The views of Ayn Rand has long inspired Americans, especially during times of economic hardship.
Now referencing Anne Heller’s biography of Rand, Anthony Daniels offers a pretty scathing critique of Rand.
First, her outlook is almost entirely Russian, and reactionary to the Soviet system that she came from.
Although she wrote in English, and her two most famous books are American in subject matter and location, she remained deeply Russian in outlook and intellectual style to the end of her days. America could take Rand out of Russia, but not Russia out of Rand. Her work properly belongs to the history of Russian, not American, literature—and nineteenth-century Russian literature at that.
She had a narrow and rather absolute view of the world, and is a hardened ideologue whom had little time for self-reflection, a trait perhaps similarly reflected in the outlook of her most ardent admirers.
Her intelligence was narrow rather than broad.
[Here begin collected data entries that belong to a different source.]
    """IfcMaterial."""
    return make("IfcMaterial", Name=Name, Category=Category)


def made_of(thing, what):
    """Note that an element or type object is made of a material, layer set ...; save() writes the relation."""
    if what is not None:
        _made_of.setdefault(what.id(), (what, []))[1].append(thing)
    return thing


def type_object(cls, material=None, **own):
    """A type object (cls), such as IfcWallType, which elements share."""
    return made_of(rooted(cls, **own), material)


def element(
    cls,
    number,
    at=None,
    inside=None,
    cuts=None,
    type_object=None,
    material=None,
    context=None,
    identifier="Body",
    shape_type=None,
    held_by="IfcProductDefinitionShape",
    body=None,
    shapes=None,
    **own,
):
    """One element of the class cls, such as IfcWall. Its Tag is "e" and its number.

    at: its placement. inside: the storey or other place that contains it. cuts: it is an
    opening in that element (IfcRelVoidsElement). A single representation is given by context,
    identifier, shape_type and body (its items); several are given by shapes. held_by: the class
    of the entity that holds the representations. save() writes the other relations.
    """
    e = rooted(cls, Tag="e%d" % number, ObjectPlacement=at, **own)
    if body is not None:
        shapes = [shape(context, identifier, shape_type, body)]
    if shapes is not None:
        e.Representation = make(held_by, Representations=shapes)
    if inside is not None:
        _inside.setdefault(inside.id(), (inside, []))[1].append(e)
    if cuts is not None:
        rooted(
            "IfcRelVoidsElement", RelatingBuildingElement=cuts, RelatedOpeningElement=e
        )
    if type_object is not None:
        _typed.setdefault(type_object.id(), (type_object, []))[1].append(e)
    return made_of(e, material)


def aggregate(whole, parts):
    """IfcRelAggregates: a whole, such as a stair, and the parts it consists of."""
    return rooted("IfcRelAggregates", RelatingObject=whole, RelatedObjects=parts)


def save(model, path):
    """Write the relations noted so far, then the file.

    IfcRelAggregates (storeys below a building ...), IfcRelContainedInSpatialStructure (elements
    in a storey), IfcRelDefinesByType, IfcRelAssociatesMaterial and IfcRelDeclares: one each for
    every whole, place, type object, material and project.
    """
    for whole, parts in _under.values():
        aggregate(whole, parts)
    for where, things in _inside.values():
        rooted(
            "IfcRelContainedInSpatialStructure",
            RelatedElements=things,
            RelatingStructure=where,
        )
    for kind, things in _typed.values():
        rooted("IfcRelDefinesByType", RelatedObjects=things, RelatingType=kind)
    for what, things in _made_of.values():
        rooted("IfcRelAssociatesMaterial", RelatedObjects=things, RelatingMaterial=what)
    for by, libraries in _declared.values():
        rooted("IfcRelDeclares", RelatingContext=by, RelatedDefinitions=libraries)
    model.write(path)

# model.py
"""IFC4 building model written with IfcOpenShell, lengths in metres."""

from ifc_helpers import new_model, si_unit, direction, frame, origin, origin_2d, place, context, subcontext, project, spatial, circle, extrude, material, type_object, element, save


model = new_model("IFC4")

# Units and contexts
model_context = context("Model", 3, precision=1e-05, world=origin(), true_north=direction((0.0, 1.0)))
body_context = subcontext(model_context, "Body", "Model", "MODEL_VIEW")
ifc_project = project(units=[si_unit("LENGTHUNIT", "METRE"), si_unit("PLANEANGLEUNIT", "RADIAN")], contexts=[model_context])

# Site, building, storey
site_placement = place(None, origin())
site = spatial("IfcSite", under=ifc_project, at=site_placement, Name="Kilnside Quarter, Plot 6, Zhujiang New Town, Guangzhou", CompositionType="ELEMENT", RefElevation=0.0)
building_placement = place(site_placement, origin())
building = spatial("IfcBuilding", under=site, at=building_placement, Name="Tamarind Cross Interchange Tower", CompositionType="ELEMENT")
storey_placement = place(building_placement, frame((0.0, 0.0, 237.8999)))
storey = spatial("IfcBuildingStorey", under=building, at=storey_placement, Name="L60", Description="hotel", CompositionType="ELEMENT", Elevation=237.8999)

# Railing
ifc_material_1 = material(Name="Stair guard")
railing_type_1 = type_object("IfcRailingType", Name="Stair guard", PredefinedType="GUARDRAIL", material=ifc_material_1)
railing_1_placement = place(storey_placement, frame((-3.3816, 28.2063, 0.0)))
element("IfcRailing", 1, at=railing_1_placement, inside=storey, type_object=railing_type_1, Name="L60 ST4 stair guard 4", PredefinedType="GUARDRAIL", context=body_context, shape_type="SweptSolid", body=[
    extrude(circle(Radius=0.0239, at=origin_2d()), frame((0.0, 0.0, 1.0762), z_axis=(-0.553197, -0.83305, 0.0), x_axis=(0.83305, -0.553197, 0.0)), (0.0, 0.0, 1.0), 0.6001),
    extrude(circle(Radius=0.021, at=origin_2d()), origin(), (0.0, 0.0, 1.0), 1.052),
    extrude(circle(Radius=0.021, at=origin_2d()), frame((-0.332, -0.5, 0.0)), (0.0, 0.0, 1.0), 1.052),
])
Though in theory a defender of freedom of thought and action, she was dogmatic, inflexible, and intolerant, not only in opinion but in behavior, and it led her to personal cruelty. In the name of her ideas, she was prepared to be deeply unpleasant. She hardened her ideas into ideology. Her integrity led to a lack of self-criticism; she frequently wrote twenty thousand words where one would do.
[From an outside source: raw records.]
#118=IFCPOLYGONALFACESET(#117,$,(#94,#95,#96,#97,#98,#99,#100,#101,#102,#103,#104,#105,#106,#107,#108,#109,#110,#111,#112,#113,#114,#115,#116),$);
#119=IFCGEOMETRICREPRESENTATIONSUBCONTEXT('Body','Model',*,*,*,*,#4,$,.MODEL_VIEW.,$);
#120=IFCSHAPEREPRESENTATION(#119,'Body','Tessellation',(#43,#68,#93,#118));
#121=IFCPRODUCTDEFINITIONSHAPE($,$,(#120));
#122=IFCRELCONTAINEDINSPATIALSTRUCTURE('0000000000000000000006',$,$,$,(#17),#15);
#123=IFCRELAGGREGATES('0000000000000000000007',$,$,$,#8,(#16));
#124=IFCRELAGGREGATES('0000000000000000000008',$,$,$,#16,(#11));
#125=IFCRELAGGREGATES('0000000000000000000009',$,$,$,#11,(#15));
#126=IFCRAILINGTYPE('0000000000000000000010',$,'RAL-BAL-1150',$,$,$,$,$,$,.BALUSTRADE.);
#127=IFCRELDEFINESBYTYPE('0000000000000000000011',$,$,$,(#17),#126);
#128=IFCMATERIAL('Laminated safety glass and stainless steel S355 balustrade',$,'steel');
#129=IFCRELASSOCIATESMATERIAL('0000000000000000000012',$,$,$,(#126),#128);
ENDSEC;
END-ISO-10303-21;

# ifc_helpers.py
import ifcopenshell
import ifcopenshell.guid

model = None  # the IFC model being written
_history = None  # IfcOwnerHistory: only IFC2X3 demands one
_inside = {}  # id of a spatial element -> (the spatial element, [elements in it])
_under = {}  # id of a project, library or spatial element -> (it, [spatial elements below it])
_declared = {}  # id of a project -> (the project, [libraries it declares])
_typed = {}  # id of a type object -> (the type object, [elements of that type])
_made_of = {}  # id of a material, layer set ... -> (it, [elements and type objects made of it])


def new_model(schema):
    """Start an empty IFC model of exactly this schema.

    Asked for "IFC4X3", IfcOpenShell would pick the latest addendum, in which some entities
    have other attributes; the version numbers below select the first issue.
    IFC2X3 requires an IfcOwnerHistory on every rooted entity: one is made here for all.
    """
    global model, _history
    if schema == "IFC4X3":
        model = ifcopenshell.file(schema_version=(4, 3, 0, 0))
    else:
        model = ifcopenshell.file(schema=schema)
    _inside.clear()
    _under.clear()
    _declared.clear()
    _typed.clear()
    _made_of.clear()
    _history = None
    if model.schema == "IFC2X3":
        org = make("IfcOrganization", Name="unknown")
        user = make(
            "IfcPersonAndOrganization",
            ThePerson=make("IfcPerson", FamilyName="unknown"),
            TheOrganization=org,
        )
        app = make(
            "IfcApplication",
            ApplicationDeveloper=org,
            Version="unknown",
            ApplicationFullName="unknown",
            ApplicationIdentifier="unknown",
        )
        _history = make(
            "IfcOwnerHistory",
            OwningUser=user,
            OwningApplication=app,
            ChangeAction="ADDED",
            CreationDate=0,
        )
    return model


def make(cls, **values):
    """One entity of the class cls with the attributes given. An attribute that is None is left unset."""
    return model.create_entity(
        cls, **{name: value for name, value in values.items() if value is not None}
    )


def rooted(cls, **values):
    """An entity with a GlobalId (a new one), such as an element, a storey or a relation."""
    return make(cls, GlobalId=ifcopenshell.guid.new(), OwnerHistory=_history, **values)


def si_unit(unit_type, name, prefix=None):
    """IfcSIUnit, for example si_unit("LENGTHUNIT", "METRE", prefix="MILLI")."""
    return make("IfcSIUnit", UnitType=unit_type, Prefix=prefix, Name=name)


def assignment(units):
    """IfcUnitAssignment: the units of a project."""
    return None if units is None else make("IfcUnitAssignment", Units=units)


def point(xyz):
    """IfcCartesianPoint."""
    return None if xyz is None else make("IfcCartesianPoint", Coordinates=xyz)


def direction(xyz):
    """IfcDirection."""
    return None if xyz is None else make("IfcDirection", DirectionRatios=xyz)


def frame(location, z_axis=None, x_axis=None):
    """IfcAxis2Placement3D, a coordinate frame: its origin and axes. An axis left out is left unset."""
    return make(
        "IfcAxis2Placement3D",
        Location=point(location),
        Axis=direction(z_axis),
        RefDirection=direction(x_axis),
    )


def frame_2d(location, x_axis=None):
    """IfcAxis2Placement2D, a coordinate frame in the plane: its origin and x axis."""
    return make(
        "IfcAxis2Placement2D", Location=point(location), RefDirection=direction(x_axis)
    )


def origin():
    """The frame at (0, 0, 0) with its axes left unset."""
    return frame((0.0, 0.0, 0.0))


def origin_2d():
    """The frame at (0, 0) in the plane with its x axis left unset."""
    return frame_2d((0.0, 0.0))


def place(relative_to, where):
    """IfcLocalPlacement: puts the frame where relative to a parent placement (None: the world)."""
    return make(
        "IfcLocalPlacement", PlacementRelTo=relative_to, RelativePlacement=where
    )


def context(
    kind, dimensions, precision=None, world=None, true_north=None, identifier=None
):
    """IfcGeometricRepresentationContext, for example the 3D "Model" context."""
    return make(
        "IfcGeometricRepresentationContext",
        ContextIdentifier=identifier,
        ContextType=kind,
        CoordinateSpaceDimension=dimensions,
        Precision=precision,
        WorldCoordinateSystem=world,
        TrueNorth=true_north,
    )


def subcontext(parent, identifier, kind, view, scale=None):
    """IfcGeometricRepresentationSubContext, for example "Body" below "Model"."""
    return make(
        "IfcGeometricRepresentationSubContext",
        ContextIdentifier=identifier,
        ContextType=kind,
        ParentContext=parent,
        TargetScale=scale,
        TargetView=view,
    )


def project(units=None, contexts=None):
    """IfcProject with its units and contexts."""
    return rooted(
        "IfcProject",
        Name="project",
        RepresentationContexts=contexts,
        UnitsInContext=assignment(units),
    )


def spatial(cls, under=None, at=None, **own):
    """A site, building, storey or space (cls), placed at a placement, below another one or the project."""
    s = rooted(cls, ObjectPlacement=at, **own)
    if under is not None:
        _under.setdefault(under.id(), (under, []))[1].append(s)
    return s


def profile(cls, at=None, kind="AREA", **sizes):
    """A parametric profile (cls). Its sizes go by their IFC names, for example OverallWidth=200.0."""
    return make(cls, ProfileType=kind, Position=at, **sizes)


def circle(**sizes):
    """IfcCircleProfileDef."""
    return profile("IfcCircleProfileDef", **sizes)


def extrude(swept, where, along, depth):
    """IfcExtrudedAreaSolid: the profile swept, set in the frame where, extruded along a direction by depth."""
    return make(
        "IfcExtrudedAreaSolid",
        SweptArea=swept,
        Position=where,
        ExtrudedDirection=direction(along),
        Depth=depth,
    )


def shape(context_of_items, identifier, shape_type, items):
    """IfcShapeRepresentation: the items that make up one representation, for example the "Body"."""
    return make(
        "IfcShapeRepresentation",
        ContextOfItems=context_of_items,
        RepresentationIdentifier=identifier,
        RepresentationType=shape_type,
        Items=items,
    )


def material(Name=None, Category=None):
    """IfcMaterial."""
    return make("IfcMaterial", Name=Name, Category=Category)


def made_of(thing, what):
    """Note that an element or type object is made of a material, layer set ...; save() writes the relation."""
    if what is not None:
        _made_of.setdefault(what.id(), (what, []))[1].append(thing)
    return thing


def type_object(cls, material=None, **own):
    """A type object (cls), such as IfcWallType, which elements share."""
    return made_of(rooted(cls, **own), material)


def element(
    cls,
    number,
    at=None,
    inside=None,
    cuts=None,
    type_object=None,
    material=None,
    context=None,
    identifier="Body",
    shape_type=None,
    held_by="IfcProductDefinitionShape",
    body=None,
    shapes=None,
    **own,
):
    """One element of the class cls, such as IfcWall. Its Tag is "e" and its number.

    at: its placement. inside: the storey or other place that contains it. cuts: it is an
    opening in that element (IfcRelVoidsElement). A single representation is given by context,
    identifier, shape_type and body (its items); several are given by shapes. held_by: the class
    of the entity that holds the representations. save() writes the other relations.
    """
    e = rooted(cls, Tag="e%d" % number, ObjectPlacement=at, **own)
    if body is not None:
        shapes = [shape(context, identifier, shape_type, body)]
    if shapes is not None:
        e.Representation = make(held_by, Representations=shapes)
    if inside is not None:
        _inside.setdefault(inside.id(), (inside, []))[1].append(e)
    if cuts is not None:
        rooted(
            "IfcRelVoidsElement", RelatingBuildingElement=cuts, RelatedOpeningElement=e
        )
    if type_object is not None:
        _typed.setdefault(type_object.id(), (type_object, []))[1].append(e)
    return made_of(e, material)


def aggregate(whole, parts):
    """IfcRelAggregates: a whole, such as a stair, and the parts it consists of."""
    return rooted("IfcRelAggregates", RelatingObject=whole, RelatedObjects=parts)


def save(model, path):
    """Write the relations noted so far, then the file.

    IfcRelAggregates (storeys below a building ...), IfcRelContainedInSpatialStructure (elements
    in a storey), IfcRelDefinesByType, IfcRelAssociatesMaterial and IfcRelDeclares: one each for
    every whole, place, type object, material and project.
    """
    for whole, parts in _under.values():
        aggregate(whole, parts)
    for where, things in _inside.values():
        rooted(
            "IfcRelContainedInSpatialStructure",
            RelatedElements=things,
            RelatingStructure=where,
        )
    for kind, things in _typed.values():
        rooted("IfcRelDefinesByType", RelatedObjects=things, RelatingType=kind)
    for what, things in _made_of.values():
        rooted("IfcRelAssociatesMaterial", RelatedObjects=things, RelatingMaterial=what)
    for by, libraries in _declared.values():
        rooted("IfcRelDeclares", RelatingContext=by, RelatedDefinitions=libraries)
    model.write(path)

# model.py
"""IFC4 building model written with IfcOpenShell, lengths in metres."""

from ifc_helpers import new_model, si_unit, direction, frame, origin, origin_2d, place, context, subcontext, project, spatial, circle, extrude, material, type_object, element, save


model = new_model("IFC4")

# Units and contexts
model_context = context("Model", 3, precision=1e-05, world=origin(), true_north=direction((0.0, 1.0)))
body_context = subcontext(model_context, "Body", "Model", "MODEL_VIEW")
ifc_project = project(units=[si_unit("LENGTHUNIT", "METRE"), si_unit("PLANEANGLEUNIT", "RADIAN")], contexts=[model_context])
Her belief of rationalism over rationality, and her adherence to intellectual principle over humanity, is reflected in her personal relationships with others. Will Wilkinson also raised his objection over this aspect of Randian egoism.
Rand believed all people to be possessed of equal rights, but she found relations of equality with others insupportable. Though she could be charming, it was not something she could keep up for long. She was deeply ungrateful to those who had helped her and many of her friendships ended in acrimony.
For Rand, there was no ambiguity in the world: if it is true that man has free will and is responsible for his conduct, it cannot also be that there is a condition such as dementia that robs a man of his capacity for choice. Hence her husband’s lapses were wilful and deliberate, to be corrected by Randian brainwashing. This is authentically horrible.